Last week, the First DCA denied a challenge to the minimum wage rate for family members who provide attendant care, and upheld the current version of FS 440.13(2)(b)(1). Scott v. Sears Holding, Case No. 1D15-3787. In the underlying case, Orlando partner Nicole Florentino and associate Fred Vitale successfully argued for a reduction of attendant care benefits being paid to a family member based on the EMA physician’s testimony. Although a previous stipulation provided a specific hourly rate to a particular family member, there was a change in the provider, and therefore a reduction in the rate being paid to that provider.
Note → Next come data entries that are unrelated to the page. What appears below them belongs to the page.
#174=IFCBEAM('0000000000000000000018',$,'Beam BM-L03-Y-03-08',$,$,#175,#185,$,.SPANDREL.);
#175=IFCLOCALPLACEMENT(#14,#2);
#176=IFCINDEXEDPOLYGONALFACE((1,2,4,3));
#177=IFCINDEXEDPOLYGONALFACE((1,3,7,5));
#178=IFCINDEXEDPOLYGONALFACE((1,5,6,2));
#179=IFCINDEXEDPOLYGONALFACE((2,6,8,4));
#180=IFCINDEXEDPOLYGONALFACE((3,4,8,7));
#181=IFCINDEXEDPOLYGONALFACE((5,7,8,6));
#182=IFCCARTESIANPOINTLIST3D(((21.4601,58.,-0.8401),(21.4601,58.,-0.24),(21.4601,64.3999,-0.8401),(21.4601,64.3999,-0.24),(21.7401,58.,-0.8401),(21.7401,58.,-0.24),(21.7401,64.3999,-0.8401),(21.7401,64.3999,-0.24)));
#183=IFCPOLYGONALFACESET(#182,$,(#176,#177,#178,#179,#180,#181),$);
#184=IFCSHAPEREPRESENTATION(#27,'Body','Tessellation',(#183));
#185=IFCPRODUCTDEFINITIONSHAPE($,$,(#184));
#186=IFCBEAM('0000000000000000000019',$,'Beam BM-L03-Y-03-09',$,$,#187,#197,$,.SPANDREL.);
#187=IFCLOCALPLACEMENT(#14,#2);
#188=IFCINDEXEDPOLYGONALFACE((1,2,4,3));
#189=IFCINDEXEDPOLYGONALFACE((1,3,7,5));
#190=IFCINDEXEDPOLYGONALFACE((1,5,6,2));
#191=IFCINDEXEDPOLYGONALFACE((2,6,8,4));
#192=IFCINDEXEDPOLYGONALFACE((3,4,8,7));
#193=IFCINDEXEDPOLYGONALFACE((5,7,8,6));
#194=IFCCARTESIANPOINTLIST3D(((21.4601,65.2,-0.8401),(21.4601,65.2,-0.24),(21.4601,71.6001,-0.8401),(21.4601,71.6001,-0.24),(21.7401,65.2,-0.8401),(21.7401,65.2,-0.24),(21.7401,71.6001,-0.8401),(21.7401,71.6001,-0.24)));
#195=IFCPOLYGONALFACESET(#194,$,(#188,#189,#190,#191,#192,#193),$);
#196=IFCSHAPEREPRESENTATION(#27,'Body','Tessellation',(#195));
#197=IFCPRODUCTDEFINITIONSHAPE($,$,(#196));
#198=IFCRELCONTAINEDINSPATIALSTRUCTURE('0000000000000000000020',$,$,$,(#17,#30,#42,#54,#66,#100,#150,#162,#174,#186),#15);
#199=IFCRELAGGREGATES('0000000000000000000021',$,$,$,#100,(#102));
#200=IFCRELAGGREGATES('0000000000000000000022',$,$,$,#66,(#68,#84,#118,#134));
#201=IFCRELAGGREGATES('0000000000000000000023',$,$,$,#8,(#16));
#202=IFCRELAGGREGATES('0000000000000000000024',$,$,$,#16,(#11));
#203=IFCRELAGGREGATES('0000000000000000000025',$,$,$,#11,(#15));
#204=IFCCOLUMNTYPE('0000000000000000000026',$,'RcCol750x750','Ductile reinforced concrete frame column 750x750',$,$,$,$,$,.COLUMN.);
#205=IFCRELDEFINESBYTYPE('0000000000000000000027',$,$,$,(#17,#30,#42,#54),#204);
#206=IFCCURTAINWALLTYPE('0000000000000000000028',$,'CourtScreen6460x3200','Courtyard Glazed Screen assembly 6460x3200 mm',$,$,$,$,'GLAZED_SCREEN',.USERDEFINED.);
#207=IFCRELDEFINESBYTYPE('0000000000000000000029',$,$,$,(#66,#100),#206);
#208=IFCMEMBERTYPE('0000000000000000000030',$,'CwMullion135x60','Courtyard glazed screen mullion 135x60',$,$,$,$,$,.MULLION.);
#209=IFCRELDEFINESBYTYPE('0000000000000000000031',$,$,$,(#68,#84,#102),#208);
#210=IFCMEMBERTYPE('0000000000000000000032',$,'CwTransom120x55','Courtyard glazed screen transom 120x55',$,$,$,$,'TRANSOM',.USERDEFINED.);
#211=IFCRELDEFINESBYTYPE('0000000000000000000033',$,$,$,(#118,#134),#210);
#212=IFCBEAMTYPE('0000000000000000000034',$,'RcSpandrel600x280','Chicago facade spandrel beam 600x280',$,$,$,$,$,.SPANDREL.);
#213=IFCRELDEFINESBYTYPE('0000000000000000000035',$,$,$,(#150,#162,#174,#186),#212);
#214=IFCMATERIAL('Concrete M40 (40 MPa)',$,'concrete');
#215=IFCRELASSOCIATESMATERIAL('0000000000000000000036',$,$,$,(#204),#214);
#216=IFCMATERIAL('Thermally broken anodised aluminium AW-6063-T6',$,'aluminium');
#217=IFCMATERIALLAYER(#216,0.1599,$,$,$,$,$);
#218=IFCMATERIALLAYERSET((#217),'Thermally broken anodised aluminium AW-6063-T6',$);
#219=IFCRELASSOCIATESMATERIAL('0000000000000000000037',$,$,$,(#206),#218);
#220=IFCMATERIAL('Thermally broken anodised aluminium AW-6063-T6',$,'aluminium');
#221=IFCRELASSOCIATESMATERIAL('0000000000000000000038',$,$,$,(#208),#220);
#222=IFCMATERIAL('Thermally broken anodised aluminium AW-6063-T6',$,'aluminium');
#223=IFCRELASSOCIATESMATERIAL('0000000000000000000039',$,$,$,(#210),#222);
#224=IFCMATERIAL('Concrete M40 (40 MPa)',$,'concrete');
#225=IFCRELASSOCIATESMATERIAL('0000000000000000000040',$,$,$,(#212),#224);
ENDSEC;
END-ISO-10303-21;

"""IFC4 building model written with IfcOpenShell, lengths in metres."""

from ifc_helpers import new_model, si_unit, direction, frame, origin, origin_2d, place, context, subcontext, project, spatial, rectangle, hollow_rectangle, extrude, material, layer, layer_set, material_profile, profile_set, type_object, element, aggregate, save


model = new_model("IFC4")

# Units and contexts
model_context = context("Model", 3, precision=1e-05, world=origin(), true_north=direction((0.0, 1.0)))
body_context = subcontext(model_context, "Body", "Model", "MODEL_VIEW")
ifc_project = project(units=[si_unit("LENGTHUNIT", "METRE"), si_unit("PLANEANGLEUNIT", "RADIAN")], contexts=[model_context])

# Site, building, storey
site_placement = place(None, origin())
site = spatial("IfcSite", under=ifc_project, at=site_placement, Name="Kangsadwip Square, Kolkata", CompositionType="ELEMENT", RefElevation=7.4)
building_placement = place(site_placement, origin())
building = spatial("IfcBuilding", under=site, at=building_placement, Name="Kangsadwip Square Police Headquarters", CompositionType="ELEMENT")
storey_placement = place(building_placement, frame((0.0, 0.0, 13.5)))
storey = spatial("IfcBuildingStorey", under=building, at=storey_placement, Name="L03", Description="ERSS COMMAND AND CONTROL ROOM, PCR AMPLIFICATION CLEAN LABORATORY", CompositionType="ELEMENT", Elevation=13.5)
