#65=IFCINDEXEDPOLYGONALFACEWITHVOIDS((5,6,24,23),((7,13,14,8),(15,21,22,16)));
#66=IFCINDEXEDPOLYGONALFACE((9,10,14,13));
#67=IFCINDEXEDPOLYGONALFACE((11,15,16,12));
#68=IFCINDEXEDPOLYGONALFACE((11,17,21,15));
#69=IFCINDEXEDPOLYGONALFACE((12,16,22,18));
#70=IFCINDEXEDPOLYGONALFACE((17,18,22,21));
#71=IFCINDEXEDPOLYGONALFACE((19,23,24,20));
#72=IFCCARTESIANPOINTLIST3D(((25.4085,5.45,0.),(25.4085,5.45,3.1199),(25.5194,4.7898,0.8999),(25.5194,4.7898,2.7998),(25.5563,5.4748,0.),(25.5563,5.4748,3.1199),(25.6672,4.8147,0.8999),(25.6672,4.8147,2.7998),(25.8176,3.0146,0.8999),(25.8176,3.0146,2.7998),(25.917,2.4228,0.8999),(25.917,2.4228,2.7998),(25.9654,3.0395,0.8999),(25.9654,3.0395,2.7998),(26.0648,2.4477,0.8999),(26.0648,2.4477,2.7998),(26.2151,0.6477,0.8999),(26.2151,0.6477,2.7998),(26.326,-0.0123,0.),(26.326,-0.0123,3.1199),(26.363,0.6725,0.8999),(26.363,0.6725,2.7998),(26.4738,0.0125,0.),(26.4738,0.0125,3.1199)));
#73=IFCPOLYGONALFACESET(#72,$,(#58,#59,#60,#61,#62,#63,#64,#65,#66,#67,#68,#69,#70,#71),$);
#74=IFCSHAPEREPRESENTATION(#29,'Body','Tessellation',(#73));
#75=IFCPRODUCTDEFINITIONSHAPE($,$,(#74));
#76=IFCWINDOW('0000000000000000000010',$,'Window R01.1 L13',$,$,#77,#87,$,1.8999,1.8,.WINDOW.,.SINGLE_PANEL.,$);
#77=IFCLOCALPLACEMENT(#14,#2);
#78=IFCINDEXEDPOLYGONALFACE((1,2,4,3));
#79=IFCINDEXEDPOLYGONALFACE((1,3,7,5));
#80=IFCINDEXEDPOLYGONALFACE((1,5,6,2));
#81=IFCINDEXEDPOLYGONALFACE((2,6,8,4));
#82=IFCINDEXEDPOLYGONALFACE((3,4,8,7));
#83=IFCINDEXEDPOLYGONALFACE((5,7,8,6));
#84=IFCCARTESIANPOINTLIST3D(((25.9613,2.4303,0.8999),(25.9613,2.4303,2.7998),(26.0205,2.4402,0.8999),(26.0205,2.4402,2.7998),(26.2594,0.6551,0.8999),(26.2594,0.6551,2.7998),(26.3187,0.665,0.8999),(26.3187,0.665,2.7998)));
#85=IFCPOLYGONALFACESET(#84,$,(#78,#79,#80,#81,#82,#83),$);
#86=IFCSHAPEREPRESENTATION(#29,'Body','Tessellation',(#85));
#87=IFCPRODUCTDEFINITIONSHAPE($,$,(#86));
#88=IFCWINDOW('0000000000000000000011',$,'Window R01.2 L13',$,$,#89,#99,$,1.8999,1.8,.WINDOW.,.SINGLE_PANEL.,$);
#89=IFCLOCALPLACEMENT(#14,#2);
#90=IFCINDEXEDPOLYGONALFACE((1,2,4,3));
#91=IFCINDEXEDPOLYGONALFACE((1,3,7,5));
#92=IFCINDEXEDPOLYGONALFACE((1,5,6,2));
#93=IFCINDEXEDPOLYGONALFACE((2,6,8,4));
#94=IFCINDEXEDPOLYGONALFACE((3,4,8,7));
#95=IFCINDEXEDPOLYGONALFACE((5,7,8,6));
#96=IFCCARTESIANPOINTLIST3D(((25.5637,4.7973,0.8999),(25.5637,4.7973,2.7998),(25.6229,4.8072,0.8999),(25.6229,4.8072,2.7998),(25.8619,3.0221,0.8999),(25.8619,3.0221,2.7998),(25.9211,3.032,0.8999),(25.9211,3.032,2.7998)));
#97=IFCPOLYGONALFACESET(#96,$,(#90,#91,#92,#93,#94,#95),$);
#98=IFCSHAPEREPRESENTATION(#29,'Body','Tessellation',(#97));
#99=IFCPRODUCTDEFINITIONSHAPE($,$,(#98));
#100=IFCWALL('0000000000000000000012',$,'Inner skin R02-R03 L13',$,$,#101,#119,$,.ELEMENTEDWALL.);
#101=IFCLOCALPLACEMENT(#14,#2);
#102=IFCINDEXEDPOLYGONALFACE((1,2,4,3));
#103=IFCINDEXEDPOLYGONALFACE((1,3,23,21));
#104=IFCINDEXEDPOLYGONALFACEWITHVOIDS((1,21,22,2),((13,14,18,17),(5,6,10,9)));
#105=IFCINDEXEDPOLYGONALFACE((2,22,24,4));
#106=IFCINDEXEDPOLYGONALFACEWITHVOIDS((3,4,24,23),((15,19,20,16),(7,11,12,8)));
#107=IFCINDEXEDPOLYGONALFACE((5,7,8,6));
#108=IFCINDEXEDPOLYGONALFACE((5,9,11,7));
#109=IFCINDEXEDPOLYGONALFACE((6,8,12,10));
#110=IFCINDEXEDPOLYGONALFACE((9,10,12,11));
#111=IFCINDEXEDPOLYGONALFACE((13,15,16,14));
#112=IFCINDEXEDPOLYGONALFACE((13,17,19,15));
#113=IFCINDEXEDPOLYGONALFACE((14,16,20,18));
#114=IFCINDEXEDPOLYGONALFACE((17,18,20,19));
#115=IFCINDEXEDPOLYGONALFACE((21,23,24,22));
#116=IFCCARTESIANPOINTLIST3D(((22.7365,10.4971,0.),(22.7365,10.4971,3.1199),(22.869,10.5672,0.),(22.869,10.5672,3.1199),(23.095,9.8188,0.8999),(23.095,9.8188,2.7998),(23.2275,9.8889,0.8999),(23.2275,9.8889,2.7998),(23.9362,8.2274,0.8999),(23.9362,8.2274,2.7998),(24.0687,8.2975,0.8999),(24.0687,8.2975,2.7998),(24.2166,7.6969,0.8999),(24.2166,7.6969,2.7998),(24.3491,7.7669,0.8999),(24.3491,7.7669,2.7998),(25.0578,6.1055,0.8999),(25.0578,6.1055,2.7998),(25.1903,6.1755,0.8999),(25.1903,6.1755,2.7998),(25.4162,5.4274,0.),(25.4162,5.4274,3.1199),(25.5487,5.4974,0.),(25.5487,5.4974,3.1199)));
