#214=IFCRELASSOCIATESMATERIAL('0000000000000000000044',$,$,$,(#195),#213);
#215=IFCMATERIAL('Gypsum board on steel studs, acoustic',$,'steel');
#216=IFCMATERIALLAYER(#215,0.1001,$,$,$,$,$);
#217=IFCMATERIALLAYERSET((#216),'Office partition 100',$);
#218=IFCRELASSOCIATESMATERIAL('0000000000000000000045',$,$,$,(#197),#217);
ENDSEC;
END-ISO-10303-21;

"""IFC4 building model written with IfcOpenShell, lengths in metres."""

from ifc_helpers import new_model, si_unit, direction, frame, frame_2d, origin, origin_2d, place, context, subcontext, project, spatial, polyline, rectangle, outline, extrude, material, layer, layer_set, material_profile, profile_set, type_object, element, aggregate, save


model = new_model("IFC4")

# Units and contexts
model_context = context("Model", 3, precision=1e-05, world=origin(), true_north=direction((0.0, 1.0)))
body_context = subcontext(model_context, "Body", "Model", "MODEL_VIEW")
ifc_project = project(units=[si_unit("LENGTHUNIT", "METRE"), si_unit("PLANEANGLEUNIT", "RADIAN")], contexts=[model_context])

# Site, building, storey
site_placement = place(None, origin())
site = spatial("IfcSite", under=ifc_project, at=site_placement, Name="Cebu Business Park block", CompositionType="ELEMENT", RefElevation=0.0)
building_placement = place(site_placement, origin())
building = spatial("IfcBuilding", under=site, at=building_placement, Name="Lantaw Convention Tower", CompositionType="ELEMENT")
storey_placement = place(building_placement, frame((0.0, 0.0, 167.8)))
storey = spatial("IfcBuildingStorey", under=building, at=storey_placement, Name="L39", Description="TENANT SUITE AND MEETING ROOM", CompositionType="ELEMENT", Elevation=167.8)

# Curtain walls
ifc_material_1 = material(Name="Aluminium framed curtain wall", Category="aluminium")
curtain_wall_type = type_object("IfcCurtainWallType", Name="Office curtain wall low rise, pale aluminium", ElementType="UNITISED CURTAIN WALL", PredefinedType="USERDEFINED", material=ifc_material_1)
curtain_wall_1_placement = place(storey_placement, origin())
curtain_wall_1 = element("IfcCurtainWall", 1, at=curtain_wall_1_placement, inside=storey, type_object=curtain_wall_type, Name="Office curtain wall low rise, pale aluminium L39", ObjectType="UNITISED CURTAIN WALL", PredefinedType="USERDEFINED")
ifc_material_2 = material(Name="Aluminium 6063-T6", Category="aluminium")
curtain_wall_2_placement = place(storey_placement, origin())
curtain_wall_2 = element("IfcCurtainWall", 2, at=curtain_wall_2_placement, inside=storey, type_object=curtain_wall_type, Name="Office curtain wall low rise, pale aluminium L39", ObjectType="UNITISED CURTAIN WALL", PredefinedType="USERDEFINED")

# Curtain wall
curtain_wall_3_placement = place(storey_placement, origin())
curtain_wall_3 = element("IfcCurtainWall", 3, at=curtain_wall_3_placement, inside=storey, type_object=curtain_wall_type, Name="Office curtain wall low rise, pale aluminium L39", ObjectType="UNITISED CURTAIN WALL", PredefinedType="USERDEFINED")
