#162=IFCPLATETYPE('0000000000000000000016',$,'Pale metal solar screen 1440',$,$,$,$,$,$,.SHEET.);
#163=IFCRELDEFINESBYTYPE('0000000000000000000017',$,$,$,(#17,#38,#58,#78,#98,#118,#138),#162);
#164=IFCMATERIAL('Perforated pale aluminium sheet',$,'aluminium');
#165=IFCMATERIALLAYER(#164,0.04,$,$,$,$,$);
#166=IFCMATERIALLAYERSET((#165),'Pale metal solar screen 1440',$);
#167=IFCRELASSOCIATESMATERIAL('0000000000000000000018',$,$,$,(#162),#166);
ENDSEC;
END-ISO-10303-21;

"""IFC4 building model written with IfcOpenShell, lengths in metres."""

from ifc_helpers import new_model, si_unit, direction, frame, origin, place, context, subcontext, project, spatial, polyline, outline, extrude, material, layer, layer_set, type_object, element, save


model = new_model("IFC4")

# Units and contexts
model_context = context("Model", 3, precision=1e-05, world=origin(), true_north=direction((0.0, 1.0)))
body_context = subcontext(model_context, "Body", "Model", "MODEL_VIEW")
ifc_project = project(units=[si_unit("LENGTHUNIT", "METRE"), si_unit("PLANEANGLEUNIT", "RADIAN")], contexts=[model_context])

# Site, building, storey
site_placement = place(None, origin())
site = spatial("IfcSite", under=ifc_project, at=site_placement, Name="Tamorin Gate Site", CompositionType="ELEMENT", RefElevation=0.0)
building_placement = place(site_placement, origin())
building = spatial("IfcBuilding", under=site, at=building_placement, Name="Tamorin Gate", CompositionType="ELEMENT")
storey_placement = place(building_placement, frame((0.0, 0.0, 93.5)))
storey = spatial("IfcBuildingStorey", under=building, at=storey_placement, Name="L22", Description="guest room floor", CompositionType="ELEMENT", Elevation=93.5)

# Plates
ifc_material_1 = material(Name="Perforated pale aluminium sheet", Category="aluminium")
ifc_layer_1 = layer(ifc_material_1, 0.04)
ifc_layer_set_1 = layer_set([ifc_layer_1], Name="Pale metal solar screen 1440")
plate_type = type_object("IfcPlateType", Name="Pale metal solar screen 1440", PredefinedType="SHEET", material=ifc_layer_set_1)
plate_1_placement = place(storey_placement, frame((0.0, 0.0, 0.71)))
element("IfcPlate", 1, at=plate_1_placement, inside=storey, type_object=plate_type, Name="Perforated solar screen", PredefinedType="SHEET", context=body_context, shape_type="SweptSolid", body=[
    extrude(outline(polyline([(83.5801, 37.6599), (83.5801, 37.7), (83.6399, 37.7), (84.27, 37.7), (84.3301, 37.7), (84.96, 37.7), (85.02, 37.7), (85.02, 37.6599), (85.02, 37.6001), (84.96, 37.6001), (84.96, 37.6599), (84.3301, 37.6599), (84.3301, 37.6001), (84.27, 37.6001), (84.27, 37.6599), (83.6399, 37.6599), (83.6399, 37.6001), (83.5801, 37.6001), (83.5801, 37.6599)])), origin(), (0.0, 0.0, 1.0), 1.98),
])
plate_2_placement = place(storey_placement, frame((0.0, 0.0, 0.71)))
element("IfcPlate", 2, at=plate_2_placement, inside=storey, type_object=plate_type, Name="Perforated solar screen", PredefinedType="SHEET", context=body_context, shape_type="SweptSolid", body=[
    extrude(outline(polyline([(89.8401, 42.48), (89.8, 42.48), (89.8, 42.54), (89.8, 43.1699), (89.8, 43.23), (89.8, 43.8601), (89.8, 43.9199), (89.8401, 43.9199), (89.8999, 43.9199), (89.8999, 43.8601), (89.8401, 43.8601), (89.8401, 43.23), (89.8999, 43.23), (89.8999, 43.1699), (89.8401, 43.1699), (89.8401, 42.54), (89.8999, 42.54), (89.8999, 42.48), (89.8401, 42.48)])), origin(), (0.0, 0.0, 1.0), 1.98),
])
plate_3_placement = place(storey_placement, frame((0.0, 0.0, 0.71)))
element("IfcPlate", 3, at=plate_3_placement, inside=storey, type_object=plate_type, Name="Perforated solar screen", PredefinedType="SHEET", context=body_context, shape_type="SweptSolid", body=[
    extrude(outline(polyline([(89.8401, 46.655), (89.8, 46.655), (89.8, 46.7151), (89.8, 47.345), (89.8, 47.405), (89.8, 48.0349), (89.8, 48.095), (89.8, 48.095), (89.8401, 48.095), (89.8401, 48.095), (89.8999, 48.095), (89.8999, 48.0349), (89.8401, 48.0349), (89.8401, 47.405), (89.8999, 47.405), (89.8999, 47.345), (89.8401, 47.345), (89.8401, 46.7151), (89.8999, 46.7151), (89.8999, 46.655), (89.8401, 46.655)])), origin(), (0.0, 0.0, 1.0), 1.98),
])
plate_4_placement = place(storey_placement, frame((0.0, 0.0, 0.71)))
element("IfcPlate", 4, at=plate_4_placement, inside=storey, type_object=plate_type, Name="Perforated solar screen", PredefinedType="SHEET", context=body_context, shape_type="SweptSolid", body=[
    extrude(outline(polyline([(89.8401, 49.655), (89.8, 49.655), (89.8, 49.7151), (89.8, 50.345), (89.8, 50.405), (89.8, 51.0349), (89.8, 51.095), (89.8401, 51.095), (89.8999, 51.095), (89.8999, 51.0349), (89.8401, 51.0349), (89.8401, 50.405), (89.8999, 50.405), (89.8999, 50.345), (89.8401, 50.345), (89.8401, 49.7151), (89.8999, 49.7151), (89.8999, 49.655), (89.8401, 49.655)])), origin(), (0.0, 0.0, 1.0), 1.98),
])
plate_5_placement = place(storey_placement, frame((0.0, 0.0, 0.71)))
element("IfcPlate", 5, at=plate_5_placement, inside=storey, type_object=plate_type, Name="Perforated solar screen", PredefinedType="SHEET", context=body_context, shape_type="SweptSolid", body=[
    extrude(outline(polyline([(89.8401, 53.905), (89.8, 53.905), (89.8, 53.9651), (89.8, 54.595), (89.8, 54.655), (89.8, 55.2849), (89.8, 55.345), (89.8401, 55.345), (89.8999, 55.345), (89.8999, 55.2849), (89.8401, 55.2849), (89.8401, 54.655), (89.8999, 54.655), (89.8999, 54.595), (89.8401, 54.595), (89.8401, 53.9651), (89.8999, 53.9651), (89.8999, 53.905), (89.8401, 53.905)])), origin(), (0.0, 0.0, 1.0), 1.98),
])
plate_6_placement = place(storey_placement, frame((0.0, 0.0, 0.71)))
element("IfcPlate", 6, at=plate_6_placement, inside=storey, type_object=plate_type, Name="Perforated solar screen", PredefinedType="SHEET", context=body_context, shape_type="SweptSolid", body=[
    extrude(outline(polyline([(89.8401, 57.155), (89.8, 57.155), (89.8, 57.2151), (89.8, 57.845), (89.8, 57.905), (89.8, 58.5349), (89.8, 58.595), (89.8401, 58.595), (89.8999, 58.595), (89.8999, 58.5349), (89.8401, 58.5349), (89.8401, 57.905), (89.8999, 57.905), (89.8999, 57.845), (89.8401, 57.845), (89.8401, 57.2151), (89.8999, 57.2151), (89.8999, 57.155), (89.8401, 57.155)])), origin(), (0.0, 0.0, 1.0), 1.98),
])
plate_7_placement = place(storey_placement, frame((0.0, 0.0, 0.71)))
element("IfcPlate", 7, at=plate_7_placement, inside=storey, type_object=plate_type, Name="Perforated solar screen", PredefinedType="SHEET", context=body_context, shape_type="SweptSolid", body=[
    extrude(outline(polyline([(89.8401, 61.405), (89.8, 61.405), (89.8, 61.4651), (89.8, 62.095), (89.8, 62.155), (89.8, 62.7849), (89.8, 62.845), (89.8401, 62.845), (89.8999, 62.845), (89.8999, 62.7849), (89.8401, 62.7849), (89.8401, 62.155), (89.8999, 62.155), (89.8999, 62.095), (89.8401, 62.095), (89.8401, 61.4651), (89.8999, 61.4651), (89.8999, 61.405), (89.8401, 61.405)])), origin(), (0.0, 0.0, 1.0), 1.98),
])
The medical evidence also reduced the number of daily hours available based on the specific tasks being provided. The claimant appealed the order, and appellate attorney Mark Zientz seized the opportunity to address the rate for family member attendant care.

 

The claimant argued that use of the Federal minimum wage was unconstitutional, as the Florida minimum wage rate was higher than the federal rate. The carrier argued that the Federal minimum wage rate provision does not violate any constitutional provisions in that the attendant care providers are not employees, and therefore, not subject to minimum wage requirements. The First DCA concurred with the carrier, and found that family members who provide attendant care are not employees, and found the claimant’s argument to be without merit.

 

In addition, the underlying order reduced the amount of attendant care benefits based on the EMA’s testimony. Specifically, the EMA opined that approximately 30% of the time ordered was for assistance with household chores, cleaning, and shopping. Based on the EMA testimony, the JCC found that the amount of hours should be reduced, as these activities are not considered to be within the scope of attendant care. The claimant argued that there was no competent, substantial evidence to support the ruling; however, the DCA found that there was “ample” evidence to support the JCC’s decision, and ruled the appeal to be without merit.

 

A Motion for Rehearing was filed last week with the DCA, so the decision remains pending. We will continue to provide updates on this challenge.